Una proposta che prende le parti, così come sottolineato da Luca Coletto, dalla carenza in alcune zone dell’Umbria, in particolare quelle montane, di medici di medicina generale, “che diventa ancora più grave – ha sottolineato l’assessore – a fronte dei molti pensionamenti per raggiunti limiti di età”. Pensionamenti ai quali si aggiunge, come spiegato da Luca Coletto, la “mancanza di domande di medici disponibili ad accettare l’incarico, anche dopo la pubblicazione degli avvisi sul bollettino ufficiale della Regione”. Come testimonia il caso dell’Usl Umbria 2, dove dei 57 posti vacanti di medicina generale assistenza primaria – fanno sapere dalla Regione – solo in otto hanno acquisito la titolarità del rapporto convenzionale.
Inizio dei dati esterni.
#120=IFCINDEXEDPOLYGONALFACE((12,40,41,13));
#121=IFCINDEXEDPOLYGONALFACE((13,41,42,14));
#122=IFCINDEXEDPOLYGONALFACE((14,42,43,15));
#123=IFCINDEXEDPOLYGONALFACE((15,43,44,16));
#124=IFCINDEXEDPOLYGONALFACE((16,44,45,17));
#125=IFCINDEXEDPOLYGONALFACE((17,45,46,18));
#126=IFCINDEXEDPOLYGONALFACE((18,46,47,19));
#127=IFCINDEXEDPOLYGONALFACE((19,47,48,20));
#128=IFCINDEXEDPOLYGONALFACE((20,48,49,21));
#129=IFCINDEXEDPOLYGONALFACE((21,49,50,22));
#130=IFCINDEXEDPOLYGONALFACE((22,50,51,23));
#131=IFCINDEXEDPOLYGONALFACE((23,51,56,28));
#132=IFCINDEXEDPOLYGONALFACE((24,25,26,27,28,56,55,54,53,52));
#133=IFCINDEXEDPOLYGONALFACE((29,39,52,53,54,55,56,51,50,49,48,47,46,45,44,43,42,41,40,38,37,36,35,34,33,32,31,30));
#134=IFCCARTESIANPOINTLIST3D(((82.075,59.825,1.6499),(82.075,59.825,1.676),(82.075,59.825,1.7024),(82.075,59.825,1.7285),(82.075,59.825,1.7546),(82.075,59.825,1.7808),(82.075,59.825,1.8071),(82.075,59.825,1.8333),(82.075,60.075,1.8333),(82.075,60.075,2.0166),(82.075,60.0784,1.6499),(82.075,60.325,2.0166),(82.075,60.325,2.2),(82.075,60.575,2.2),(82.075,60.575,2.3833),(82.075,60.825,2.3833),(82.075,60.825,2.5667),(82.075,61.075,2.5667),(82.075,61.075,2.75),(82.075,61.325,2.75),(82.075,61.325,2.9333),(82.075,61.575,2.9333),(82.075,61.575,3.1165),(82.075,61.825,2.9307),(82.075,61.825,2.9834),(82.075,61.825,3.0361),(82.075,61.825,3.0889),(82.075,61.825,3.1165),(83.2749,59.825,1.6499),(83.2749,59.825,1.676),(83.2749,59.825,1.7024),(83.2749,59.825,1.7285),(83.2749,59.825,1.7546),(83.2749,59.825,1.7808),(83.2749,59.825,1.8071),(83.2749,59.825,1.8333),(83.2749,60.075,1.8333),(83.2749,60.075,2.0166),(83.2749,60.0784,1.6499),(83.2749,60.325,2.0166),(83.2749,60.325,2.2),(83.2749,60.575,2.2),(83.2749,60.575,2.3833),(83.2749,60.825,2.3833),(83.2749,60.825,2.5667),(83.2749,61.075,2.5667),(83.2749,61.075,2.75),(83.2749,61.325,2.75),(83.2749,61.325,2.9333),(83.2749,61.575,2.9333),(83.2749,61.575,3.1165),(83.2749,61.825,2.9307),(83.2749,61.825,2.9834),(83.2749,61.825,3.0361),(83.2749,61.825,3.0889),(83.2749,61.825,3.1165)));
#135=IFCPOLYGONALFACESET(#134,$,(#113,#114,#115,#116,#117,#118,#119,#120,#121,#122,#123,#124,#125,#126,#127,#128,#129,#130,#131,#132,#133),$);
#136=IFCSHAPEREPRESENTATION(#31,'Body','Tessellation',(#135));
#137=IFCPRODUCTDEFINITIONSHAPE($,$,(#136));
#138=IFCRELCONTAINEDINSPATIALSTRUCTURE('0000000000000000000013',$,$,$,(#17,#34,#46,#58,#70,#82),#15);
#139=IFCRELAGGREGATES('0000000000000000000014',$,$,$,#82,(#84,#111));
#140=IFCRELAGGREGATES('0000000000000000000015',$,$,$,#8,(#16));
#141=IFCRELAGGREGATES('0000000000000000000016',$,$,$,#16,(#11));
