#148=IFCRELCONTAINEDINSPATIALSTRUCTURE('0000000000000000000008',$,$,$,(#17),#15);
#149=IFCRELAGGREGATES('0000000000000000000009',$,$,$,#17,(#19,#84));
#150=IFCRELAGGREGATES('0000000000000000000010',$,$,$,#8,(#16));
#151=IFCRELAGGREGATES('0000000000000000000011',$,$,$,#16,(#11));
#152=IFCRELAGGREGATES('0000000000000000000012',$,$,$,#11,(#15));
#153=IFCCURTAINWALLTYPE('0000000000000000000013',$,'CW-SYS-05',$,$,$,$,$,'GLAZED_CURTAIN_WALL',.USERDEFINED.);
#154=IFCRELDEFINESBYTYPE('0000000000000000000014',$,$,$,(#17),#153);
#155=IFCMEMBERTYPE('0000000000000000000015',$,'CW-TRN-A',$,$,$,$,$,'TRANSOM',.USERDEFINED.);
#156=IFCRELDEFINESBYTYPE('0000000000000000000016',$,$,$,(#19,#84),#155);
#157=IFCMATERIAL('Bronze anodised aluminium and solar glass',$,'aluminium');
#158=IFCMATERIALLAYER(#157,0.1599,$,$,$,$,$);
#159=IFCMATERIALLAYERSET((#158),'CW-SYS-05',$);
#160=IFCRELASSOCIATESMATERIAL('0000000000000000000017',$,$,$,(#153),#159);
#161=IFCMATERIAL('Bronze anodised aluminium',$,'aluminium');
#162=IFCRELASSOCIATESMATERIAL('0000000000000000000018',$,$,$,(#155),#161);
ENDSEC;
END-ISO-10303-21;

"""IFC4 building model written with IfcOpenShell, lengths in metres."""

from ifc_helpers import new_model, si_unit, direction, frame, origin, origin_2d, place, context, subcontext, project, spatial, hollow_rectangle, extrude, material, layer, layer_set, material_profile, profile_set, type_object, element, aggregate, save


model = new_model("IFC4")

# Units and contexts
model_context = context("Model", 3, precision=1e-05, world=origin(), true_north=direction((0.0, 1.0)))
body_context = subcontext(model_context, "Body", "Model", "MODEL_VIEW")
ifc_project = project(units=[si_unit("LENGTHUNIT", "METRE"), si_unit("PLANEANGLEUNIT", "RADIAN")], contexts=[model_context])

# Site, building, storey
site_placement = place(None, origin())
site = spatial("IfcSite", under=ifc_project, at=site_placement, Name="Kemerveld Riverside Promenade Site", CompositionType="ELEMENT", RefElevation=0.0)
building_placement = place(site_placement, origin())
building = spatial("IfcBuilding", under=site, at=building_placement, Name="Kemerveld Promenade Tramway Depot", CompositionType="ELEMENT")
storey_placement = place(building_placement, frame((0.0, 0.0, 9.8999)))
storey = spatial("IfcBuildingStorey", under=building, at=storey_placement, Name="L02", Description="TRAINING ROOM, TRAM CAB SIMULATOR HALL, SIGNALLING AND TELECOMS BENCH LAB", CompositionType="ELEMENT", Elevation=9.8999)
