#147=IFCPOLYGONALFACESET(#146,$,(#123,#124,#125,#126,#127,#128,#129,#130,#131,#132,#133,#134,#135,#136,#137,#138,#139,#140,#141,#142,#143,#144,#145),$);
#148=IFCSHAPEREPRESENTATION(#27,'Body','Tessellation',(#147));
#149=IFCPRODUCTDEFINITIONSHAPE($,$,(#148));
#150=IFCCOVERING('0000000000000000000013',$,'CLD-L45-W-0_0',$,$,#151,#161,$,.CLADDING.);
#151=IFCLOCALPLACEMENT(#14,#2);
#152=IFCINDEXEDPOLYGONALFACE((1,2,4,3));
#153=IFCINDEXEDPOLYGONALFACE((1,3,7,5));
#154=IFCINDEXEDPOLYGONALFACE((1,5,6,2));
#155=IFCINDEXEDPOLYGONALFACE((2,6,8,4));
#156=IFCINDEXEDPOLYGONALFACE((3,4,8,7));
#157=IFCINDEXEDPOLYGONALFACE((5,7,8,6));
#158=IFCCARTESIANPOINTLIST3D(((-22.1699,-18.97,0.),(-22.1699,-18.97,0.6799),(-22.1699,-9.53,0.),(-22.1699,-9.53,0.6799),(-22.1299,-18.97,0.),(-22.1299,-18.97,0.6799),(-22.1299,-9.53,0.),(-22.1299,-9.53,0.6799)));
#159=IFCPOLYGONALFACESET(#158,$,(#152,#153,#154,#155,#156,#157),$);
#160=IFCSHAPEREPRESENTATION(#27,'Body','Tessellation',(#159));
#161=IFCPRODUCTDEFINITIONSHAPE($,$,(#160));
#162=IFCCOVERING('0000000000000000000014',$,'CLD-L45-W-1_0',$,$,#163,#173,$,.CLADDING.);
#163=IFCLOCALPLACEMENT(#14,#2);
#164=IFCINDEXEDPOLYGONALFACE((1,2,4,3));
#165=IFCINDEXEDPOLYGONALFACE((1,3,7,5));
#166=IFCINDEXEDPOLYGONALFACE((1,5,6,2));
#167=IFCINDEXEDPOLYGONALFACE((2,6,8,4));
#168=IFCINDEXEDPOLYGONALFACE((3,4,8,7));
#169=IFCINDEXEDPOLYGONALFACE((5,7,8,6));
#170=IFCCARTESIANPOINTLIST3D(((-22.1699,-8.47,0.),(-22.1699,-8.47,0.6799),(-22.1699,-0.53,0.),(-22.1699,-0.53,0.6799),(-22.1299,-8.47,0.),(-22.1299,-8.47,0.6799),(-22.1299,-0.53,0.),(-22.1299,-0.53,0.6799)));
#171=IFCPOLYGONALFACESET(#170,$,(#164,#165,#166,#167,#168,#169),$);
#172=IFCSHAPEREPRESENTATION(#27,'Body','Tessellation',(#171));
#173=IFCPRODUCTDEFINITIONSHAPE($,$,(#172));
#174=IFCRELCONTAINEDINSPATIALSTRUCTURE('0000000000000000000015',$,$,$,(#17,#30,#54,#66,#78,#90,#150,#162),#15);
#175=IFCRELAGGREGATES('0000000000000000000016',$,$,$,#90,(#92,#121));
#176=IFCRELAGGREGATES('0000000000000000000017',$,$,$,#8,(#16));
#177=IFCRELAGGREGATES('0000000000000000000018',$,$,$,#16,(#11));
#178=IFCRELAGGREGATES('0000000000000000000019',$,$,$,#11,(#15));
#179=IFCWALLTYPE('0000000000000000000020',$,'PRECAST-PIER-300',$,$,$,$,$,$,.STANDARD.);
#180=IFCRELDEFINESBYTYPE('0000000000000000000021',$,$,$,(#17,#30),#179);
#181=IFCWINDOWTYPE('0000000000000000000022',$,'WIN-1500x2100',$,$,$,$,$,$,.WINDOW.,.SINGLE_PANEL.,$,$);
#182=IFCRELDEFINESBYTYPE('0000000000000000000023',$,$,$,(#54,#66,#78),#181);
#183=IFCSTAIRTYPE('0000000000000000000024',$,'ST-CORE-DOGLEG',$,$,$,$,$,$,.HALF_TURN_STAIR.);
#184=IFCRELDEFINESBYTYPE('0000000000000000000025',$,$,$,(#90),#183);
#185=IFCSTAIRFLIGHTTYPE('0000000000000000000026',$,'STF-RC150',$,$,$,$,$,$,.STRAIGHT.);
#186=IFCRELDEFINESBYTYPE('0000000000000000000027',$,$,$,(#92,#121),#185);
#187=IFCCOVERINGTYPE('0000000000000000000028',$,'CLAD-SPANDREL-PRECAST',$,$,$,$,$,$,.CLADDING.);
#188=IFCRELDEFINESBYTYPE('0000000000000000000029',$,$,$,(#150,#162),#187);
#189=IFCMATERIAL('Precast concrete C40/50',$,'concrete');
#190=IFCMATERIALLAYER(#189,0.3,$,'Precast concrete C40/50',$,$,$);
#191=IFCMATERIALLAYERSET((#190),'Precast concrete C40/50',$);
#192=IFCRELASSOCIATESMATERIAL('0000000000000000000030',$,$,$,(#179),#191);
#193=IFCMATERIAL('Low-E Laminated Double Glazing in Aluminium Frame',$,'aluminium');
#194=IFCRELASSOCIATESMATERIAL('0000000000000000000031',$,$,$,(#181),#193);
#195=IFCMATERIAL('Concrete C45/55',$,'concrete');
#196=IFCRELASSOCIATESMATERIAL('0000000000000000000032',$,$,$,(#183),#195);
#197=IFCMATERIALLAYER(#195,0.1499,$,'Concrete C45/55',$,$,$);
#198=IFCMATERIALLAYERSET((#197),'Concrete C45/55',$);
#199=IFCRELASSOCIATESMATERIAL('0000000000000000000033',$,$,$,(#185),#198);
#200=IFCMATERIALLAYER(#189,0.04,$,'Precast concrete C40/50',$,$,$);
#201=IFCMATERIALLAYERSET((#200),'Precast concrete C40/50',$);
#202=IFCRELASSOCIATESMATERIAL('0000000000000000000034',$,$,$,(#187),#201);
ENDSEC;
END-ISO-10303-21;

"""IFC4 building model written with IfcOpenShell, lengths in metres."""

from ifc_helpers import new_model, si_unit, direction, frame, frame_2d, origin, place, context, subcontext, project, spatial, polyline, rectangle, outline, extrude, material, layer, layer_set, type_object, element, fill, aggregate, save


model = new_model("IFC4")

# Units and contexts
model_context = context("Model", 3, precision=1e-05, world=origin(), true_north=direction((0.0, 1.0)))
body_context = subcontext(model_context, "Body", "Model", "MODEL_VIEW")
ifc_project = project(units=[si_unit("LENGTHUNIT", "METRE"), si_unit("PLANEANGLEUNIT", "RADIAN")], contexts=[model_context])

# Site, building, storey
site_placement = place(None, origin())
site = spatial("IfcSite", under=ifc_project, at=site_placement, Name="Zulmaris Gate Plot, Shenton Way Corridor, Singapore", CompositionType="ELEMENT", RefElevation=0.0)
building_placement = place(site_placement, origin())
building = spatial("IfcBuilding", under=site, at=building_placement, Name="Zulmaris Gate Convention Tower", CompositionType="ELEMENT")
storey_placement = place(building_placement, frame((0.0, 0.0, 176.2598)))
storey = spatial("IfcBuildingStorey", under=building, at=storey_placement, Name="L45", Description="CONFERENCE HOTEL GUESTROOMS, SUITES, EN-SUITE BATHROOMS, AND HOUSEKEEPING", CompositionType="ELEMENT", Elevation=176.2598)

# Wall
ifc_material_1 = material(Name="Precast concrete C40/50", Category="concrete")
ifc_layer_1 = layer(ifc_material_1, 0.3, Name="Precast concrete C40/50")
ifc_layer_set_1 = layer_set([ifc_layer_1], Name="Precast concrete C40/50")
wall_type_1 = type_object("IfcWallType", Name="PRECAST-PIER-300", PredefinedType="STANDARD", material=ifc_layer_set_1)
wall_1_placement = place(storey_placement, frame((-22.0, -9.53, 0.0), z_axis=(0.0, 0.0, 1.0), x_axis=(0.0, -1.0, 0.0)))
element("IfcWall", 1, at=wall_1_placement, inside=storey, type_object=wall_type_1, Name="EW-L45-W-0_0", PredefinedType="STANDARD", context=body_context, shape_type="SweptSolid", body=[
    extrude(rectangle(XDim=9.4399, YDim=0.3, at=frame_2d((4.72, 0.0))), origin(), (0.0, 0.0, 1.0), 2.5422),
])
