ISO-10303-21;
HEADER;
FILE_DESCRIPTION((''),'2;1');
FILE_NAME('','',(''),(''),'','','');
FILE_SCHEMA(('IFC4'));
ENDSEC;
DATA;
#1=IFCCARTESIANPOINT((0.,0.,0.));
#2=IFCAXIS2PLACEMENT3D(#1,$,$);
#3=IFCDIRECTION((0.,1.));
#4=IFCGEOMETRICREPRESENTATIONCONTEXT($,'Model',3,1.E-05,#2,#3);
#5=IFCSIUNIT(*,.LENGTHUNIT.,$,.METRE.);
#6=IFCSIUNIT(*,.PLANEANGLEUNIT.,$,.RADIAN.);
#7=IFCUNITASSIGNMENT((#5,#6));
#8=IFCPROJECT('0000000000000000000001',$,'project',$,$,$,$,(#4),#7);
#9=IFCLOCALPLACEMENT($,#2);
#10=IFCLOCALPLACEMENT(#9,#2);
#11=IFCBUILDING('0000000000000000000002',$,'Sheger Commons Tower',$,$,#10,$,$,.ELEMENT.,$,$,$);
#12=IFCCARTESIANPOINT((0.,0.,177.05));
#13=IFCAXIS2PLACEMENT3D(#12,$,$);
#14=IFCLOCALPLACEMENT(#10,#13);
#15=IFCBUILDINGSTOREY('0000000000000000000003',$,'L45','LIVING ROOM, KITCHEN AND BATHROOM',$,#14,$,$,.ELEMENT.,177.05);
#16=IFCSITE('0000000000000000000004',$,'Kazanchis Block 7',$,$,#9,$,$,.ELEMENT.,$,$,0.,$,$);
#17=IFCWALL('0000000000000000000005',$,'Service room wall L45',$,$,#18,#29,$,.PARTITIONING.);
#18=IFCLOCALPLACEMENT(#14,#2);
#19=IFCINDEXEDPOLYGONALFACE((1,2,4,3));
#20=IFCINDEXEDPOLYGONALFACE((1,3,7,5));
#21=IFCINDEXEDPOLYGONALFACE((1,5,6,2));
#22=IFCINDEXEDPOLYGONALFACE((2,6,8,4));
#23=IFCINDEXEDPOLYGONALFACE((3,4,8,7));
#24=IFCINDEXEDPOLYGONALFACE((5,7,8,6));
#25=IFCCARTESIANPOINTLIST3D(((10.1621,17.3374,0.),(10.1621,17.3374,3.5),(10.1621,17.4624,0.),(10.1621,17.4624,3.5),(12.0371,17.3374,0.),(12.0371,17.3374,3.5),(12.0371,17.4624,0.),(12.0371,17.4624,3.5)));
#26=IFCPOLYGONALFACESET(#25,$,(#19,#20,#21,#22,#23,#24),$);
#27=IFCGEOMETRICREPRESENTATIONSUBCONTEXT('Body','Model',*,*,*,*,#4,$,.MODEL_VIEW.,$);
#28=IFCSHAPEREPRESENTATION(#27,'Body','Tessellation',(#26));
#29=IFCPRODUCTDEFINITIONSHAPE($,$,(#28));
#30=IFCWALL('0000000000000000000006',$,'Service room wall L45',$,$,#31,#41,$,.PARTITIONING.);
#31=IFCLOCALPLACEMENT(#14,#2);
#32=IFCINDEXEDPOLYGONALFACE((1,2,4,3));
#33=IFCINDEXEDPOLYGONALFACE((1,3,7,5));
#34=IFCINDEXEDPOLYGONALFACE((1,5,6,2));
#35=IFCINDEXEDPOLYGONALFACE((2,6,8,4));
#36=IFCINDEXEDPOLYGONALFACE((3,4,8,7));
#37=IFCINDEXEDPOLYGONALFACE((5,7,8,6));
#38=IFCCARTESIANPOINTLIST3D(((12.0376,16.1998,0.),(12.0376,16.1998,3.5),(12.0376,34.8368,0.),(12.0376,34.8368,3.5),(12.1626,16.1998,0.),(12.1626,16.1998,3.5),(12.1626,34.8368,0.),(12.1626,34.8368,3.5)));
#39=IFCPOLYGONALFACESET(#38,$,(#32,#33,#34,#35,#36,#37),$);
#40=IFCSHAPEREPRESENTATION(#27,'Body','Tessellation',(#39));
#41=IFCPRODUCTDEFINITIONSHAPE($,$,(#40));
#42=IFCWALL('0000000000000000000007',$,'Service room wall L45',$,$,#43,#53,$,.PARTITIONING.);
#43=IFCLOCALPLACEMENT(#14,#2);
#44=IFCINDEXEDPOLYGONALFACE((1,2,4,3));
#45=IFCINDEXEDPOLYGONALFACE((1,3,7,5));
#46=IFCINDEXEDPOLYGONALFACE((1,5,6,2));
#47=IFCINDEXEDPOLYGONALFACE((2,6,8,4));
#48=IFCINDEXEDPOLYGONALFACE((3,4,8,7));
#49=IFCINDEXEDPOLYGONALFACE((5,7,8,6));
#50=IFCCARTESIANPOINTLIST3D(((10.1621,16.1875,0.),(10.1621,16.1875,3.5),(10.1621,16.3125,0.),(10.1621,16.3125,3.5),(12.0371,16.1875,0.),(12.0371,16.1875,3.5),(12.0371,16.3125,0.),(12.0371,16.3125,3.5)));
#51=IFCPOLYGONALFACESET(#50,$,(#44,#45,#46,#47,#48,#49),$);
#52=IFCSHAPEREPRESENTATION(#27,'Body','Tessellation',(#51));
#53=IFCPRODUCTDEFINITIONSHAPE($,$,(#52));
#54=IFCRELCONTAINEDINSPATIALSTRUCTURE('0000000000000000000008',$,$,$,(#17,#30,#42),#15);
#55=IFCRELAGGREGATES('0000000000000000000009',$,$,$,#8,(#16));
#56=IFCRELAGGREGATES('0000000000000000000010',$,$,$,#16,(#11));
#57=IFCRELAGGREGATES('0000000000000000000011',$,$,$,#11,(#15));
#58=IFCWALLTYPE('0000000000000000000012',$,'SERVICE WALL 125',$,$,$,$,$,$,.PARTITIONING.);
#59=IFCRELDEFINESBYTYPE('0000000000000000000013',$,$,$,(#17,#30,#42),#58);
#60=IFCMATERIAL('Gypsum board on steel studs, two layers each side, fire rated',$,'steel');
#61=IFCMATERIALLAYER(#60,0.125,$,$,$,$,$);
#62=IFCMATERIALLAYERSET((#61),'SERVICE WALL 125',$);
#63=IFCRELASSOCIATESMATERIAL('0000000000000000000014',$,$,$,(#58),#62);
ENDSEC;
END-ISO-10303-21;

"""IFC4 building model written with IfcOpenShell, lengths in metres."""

from ifc_helpers import new_model, si_unit, direction, frame, frame_2d, origin, place, context, subcontext, project, spatial, rectangle, extrude, material, layer, layer_set, type_object, element, save


model = new_model("IFC4")

# Units and contexts
model_context = context("Model", 3, precision=1e-05, world=origin(), true_north=direction((0.0, 1.0)))
body_context = subcontext(model_context, "Body", "Model", "MODEL_VIEW")
ifc_project = project(units=[si_unit("LENGTHUNIT", "METRE"), si_unit("PLANEANGLEUNIT", "RADIAN")], contexts=[model_context])

# Site, building, storey
site_placement = place(None, origin())
site = spatial("IfcSite", under=ifc_project, at=site_placement, Name="Kazanchis Block 7", CompositionType="ELEMENT", RefElevation=0.0)
building_placement = place(site_placement, origin())
building = spatial("IfcBuilding", under=site, at=building_placement, Name="Sheger Commons Tower", CompositionType="ELEMENT")
storey_placement = place(building_placement, frame((0.0, 0.0, 177.05)))
storey = spatial("IfcBuildingStorey", under=building, at=storey_placement, Name="L45", Description="LIVING ROOM, KITCHEN AND BATHROOM", CompositionType="ELEMENT", Elevation=177.05)

# Shared definitions
ifc_material_1 = material(Name="Gypsum board on steel studs, two layers each side, fire rated", Category="steel")
ifc_layer_1 = layer(ifc_material_1, 0.125)
ifc_layer_set_1 = layer_set([ifc_layer_1], Name="SERVICE WALL 125")
wall_type_1 = type_object("IfcWallType", Name="SERVICE WALL 125", PredefinedType="PARTITIONING", material=ifc_layer_set_1)

# Walls
wall_1_placement = place(storey_placement, frame((10.1621, 17.3999, 0.0), z_axis=(0.0, 0.0, 1.0), x_axis=(1.0, 0.0, 0.0)))
element("IfcWall", 1, at=wall_1_placement, inside=storey, type_object=wall_type_1, Name="Service room wall L45", PredefinedType="PARTITIONING", context=body_context, shape_type="SweptSolid", body=[
    extrude(rectangle(XDim=1.875, YDim=0.125, at=frame_2d((0.9375, 0.0))), origin(), (0.0, 0.0, 1.0), 3.5),
])
wall_2_placement = place(storey_placement, frame((12.1001, 16.2, 0.0), z_axis=(0.0, 0.0, 1.0), x_axis=(0.0, 1.0, 0.0)))
element("IfcWall", 2, at=wall_2_placement, inside=storey, type_object=wall_type_1, Name="Service room wall L45", PredefinedType="PARTITIONING", context=body_context, shape_type="SweptSolid", body=[
    extrude(rectangle(XDim=18.637, YDim=0.125, at=frame_2d((9.3184, 0.0))), origin(), (0.0, 0.0, 1.0), 3.5),
])
wall_3_placement = place(storey_placement, frame((10.1621, 16.25, 0.0), z_axis=(0.0, 0.0, 1.0), x_axis=(1.0, 0.0, 0.0)))
element("IfcWall", 3, at=wall_3_placement, inside=storey, type_object=wall_type_1, Name="Service room wall L45", PredefinedType="PARTITIONING", context=body_context, shape_type="SweptSolid", body=[
    extrude(rectangle(XDim=1.875, YDim=0.125, at=frame_2d((0.9375, 0.0))), origin(), (0.0, 0.0, 1.0), 3.5),
])

save(model, "model.ifc")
“Proprio per assicurare l’assistenza sanitaria in modo uniforme ai cittadini, visto che allo stato attuale la problematica in alcuni contesti territoriali risulta essere estremamente grave – ha quindi dichiarato l’assessore Coletto – con le organizzazioni sindacali di categoria (FIMMG, SMI, SNAMI, Cisl Medici) è stato stabilito di adottare delle misure straordinarie ed eccezionali come quella di mantenere, su base volontaria, l’incarico convenzionale ai medici anche oltre il 70esimo anno di età”. Incarico che potrà decadere o per rinuncia dello stesso medico o nel momento in cui verrà individuato il nuovo titolare.